I wanted to learn more about what My Le meant about having a hard time growing up there. I asked her to write it down in an email instead of saying it into the microphone because I know from experience that saying words like these aloud can be re-traumatizing. (Heads up: The following paragraph contains racist slurs.)

My Le wrote that when she was growing up in Marshfield in the ‘90s, she heard repeated derogatory and racist slurs like “chink,” “gook,” “chinaman” and, in some cases, the "N" word. People told her she was “foreign,” while pulling at the corners of their eyes. People asked her to “speak Asian” or perform martial arts on demand because "every chink knows kung fu." People mocked her with fake Asian accents and made-up languages, and asked her to read Asian characters imprinted on t-shirts. Others made jokes about how “chinks can't drive,” and told her to go back to where she came from.

Eventually, the verbal attacks led to physical abuse: pushing and shoving against the school lockers while calling her racist names. Spitting.

She says there’s more than what she sent me. These descriptions are only the beginning.

And, yeah, that is all bad. But, even worse, according to My Le, was that people didn’t believe her when she tried to explain what was happening. She rarely, if ever, found someone who responded with compassion for her experience.
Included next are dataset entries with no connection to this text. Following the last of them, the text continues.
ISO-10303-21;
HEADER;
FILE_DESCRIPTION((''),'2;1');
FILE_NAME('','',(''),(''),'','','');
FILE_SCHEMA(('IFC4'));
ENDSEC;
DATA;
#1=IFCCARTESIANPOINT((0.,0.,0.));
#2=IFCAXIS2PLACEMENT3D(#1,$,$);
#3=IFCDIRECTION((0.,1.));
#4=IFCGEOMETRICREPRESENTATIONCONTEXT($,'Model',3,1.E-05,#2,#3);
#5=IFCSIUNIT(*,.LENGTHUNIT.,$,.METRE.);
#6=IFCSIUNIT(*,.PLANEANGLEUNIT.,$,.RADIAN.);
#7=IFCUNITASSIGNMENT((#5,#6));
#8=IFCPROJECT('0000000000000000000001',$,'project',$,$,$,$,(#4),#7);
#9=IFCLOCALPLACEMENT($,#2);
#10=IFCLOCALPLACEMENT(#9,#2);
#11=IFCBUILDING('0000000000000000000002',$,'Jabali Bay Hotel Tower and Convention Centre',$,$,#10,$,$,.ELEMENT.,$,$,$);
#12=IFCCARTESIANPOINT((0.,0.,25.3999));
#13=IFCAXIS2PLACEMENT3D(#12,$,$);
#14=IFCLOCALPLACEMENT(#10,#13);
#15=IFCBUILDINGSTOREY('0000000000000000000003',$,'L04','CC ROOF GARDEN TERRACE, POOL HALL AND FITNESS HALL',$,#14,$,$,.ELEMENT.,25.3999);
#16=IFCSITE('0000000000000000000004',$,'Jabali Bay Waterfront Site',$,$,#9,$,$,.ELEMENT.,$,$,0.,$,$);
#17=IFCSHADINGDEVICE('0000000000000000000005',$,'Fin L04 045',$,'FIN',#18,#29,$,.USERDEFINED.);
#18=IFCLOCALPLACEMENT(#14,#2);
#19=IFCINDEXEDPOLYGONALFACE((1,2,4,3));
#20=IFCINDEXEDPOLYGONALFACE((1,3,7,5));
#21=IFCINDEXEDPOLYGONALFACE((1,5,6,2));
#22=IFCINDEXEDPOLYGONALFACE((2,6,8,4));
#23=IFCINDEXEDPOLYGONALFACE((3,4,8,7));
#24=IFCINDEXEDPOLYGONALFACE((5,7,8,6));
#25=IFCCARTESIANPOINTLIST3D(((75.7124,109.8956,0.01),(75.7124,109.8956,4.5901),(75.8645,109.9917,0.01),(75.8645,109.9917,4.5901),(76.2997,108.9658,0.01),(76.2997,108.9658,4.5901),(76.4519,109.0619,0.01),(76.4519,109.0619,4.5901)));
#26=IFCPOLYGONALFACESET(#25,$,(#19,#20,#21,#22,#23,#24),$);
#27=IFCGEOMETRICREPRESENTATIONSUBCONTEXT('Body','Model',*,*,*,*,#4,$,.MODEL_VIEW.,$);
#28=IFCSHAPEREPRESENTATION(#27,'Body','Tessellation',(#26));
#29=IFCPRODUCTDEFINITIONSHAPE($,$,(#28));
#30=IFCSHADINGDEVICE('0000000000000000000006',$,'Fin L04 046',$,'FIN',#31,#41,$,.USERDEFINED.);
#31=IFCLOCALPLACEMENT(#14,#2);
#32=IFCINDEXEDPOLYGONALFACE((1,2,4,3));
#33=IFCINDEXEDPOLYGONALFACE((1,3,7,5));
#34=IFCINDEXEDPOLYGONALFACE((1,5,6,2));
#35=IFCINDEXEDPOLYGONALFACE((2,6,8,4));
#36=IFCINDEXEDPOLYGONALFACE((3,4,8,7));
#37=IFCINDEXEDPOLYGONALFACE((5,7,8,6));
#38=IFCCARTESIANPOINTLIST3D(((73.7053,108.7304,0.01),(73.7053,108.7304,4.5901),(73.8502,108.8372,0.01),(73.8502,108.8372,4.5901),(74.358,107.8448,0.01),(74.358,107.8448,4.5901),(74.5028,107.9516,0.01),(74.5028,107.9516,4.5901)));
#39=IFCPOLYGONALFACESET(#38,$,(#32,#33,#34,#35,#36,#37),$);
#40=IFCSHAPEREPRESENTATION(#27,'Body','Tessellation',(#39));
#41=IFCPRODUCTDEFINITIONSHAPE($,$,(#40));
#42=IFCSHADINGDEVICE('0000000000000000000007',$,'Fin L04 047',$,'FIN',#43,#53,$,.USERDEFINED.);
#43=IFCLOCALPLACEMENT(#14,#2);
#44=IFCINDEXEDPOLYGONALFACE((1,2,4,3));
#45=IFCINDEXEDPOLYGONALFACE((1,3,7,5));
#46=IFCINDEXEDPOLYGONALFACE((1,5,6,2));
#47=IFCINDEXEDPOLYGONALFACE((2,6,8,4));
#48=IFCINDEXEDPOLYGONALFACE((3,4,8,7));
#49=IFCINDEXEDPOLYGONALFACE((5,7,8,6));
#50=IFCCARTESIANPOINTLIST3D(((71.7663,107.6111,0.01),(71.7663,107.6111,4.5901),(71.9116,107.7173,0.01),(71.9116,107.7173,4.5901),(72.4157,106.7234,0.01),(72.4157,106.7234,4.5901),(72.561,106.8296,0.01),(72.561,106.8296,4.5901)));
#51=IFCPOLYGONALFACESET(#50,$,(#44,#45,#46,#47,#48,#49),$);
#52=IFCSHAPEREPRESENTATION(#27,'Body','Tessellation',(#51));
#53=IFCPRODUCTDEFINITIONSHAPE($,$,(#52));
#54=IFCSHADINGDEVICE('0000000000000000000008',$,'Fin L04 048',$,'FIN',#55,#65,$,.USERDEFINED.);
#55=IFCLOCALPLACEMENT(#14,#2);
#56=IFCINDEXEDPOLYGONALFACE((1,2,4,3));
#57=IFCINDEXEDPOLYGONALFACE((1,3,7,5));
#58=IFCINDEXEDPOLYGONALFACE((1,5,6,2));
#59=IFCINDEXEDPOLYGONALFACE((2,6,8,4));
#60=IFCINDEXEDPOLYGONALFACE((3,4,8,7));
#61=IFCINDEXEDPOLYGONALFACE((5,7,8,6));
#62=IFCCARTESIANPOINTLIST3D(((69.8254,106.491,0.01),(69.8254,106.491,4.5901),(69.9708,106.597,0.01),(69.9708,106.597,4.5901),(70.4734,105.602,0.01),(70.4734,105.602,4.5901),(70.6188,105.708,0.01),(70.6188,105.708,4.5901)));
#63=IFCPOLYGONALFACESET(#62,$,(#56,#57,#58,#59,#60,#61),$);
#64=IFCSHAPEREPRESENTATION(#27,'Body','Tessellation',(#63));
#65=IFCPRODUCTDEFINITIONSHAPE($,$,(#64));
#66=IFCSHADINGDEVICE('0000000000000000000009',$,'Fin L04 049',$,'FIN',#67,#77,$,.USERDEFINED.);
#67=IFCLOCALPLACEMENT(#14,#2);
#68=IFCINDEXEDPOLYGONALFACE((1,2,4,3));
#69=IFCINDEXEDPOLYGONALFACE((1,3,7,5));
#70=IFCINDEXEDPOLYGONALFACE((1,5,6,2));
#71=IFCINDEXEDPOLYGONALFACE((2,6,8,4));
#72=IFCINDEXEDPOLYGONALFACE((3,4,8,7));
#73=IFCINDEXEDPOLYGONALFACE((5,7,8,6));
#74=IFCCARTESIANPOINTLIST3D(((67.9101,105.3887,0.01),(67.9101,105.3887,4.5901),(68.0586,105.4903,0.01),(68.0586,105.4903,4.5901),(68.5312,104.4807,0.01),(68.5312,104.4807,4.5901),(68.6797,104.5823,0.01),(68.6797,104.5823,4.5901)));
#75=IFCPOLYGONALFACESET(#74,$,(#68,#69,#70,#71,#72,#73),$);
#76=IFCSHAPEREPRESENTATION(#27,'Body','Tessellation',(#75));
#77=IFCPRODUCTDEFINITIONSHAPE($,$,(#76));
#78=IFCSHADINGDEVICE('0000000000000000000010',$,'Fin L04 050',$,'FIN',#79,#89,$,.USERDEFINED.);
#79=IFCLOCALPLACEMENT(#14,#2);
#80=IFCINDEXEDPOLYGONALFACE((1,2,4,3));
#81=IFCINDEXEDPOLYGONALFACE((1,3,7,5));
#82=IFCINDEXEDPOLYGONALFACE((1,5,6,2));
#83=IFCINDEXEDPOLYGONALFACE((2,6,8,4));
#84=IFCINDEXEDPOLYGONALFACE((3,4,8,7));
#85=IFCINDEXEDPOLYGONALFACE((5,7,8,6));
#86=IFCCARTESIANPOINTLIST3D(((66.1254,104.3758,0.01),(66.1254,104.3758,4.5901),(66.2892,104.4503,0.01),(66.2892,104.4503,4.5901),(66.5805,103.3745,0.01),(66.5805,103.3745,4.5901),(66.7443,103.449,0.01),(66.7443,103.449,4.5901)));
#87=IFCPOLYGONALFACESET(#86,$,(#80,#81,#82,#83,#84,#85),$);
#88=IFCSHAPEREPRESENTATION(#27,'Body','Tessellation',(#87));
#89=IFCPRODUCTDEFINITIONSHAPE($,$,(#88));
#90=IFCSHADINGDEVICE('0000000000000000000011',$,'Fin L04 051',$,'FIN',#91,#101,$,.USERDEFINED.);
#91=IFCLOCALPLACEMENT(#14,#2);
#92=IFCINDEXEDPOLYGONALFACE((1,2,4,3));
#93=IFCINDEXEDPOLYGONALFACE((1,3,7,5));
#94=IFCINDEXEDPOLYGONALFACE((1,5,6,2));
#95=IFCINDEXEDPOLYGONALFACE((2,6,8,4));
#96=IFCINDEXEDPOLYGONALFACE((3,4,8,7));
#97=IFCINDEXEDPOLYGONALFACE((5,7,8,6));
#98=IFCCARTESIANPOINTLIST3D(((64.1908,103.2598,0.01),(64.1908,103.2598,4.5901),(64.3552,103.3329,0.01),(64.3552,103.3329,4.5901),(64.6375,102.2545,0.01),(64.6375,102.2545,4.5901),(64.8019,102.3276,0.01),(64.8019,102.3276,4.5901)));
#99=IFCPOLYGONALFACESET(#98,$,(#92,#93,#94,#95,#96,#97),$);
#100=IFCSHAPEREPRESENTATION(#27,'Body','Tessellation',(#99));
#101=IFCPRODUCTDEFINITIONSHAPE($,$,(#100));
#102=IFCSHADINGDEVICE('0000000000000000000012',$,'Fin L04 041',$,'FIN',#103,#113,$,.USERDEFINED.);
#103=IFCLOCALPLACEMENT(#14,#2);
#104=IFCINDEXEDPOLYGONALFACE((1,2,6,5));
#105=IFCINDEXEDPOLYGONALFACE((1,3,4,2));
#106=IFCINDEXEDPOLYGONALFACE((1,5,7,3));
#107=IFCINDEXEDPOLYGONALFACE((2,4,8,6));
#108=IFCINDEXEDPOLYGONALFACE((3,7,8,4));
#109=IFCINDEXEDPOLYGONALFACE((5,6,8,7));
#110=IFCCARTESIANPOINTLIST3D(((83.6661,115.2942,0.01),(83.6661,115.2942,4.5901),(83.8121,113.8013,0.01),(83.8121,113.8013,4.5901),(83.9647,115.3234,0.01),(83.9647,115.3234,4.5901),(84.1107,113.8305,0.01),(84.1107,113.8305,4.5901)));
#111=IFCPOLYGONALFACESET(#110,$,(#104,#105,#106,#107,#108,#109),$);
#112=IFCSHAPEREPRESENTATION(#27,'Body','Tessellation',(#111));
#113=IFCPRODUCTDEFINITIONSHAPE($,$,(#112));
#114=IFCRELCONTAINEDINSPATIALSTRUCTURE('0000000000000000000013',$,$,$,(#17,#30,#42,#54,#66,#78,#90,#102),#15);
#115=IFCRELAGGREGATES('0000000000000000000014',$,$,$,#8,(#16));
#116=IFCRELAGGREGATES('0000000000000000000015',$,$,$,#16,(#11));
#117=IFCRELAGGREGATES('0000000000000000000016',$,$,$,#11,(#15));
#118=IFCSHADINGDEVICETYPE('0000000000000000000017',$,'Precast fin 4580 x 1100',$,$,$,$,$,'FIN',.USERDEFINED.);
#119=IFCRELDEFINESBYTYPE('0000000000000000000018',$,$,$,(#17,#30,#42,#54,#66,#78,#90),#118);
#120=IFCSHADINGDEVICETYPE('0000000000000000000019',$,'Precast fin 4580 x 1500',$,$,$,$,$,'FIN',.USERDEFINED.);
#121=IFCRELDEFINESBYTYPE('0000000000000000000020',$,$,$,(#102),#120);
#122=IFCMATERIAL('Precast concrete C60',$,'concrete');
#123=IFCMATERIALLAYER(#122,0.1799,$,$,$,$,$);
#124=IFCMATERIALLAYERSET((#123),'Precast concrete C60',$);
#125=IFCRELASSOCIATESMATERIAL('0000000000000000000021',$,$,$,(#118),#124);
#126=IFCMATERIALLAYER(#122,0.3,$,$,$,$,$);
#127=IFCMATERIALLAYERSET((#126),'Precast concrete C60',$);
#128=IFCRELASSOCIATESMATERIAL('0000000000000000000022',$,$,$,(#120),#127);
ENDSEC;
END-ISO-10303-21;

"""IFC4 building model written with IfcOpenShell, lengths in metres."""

from ifc_helpers import new_model, si_unit, direction, frame, frame_2d, origin, place, context, subcontext, project, spatial, rectangle, extrude, material, layer, layer_set, type_object, element, save


model = new_model("IFC4")

# Units and contexts
model_context = context("Model", 3, precision=1e-05, world=origin(), true_north=direction((0.0, 1.0)))
body_context = subcontext(model_context, "Body", "Model", "MODEL_VIEW")
ifc_project = project(units=[si_unit("LENGTHUNIT", "METRE"), si_unit("PLANEANGLEUNIT", "RADIAN")], contexts=[model_context])

# Site, building, storey
site_placement = place(None, origin())
site = spatial("IfcSite", under=ifc_project, at=site_placement, Name="Jabali Bay Waterfront Site", CompositionType="ELEMENT", RefElevation=0.0)
building_placement = place(site_placement, origin())
building = spatial("IfcBuilding", under=site, at=building_placement, Name="Jabali Bay Hotel Tower and Convention Centre", CompositionType="ELEMENT")
storey_placement = place(building_placement, frame((0.0, 0.0, 25.3999)))
storey = spatial("IfcBuildingStorey", under=building, at=storey_placement, Name="L04", Description="CC ROOF GARDEN TERRACE, POOL HALL AND FITNESS HALL", CompositionType="ELEMENT", Elevation=25.3999)

# Shading devices
ifc_material_1 = material(Name="Precast concrete C60", Category="concrete")
ifc_layer_1 = layer(ifc_material_1, 0.1799)
ifc_layer_set_1 = layer_set([ifc_layer_1], Name="Precast concrete C60")
shading_device_type_1 = type_object("IfcShadingDeviceType", Name="Precast fin 4580 x 1100", ElementType="FIN", PredefinedType="USERDEFINED", material=ifc_layer_set_1)
for number, where, z_axis, x_axis, name in (
    (1, (76.3757, 109.0139, 0.01), (0.0, 0.0, 1.0), (-0.534043, 0.845457, 0.0), "Fin L04 045"),
):
    element("IfcShadingDevice", number, at=place(storey_placement, frame(where, z_axis=z_axis, x_axis=x_axis)), inside=storey, type_object=shading_device_type_1, Name=name, ObjectType="FIN", PredefinedType="USERDEFINED", context=body_context, shape_type="SweptSolid", body=[
        extrude(rectangle(XDim=1.0999, YDim=0.1799, at=frame_2d((0.5498, 0.0))), origin(), (0.0, 0.0, 1.0), 4.5801),
    ])
shading_device_1_placement = place(storey_placement, frame((74.4304, 107.8982, 0.01), z_axis=(0.0, 0.0, 1.0), x_axis=(-0.593267, 0.805006, 0.0)))
element("IfcShadingDevice", 2, at=shading_device_1_placement, inside=storey, type_object=shading_device_type_1, Name="Fin L04 046", ObjectType="FIN", PredefinedType="USERDEFINED", context=body_context, shape_type="SweptSolid", body=[
    extrude(rectangle(XDim=1.1001, YDim=0.1799, at=frame_2d((0.55, 0.0))), origin(), (0.0, 0.0, 1.0), 4.5801),
])
shading_device_2_placement = place(storey_placement, frame((72.4883, 106.7766, 0.01), z_axis=(0.0, 0.0, 1.0), x_axis=(-0.590439, 0.807082, 0.0)))
element("IfcShadingDevice", 3, at=shading_device_2_placement, inside=storey, type_object=shading_device_type_1, Name="Fin L04 047", ObjectType="FIN", PredefinedType="USERDEFINED", context=body_context, shape_type="SweptSolid", body=[
    extrude(rectangle(XDim=1.0999, YDim=0.1799, at=frame_2d((0.5498, 0.0))), origin(), (0.0, 0.0, 1.0), 4.5801),
])
for number, where, z_axis, x_axis, name in (
    (4, (70.5461, 105.655, 0.01), (0.0, 0.0, 1.0), (-0.589042, 0.808102, 0.0), "Fin L04 048"),
    (5, (68.6055, 104.5315, 0.01), (0.0, 0.0, 1.0), (-0.564596, 0.825367, 0.0), "Fin L04 049"),
):
    element("IfcShadingDevice", number, at=place(storey_placement, frame(where, z_axis=z_axis, x_axis=x_axis)), inside=storey, type_object=shading_device_type_1, Name=name, ObjectType="FIN", PredefinedType="USERDEFINED", context=body_context, shape_type="SweptSolid", body=[
        extrude(rectangle(XDim=1.1001, YDim=0.1799, at=frame_2d((0.55, 0.0))), origin(), (0.0, 0.0, 1.0), 4.5801),
    ])
shading_device_3_placement = place(storey_placement, frame((66.6624, 103.4119, 0.01), z_axis=(0.0, 0.0, 1.0), x_axis=(-0.413786, 0.910374, 0.0)))
element("IfcShadingDevice", 6, at=shading_device_3_placement, inside=storey, type_object=shading_device_type_1, Name="Fin L04 050", ObjectType="FIN", PredefinedType="USERDEFINED", context=body_context, shape_type="SweptSolid", body=[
“I feel like if you say something bad about Vermont, there's a dismissiveness or defensiveness, as anybody would do if you're saying something critical [of something they love],” My Le said. “But instead of saying, ‘Oh, hm, let me think about that. Let me think about that, from your perspective …’ I don't know if I heard that very often.”

Folks in her life didn’t want to break through the Rockwell.

If Vermont is My Le’s ex-lover, she’s been doing what a lot of us do with our exes: stalking us online. She’s subscribed to Seven Days, listens to Brave Little State and even visits now again. When she does, she always makes sure to get a creemee. Chocolate, in particular.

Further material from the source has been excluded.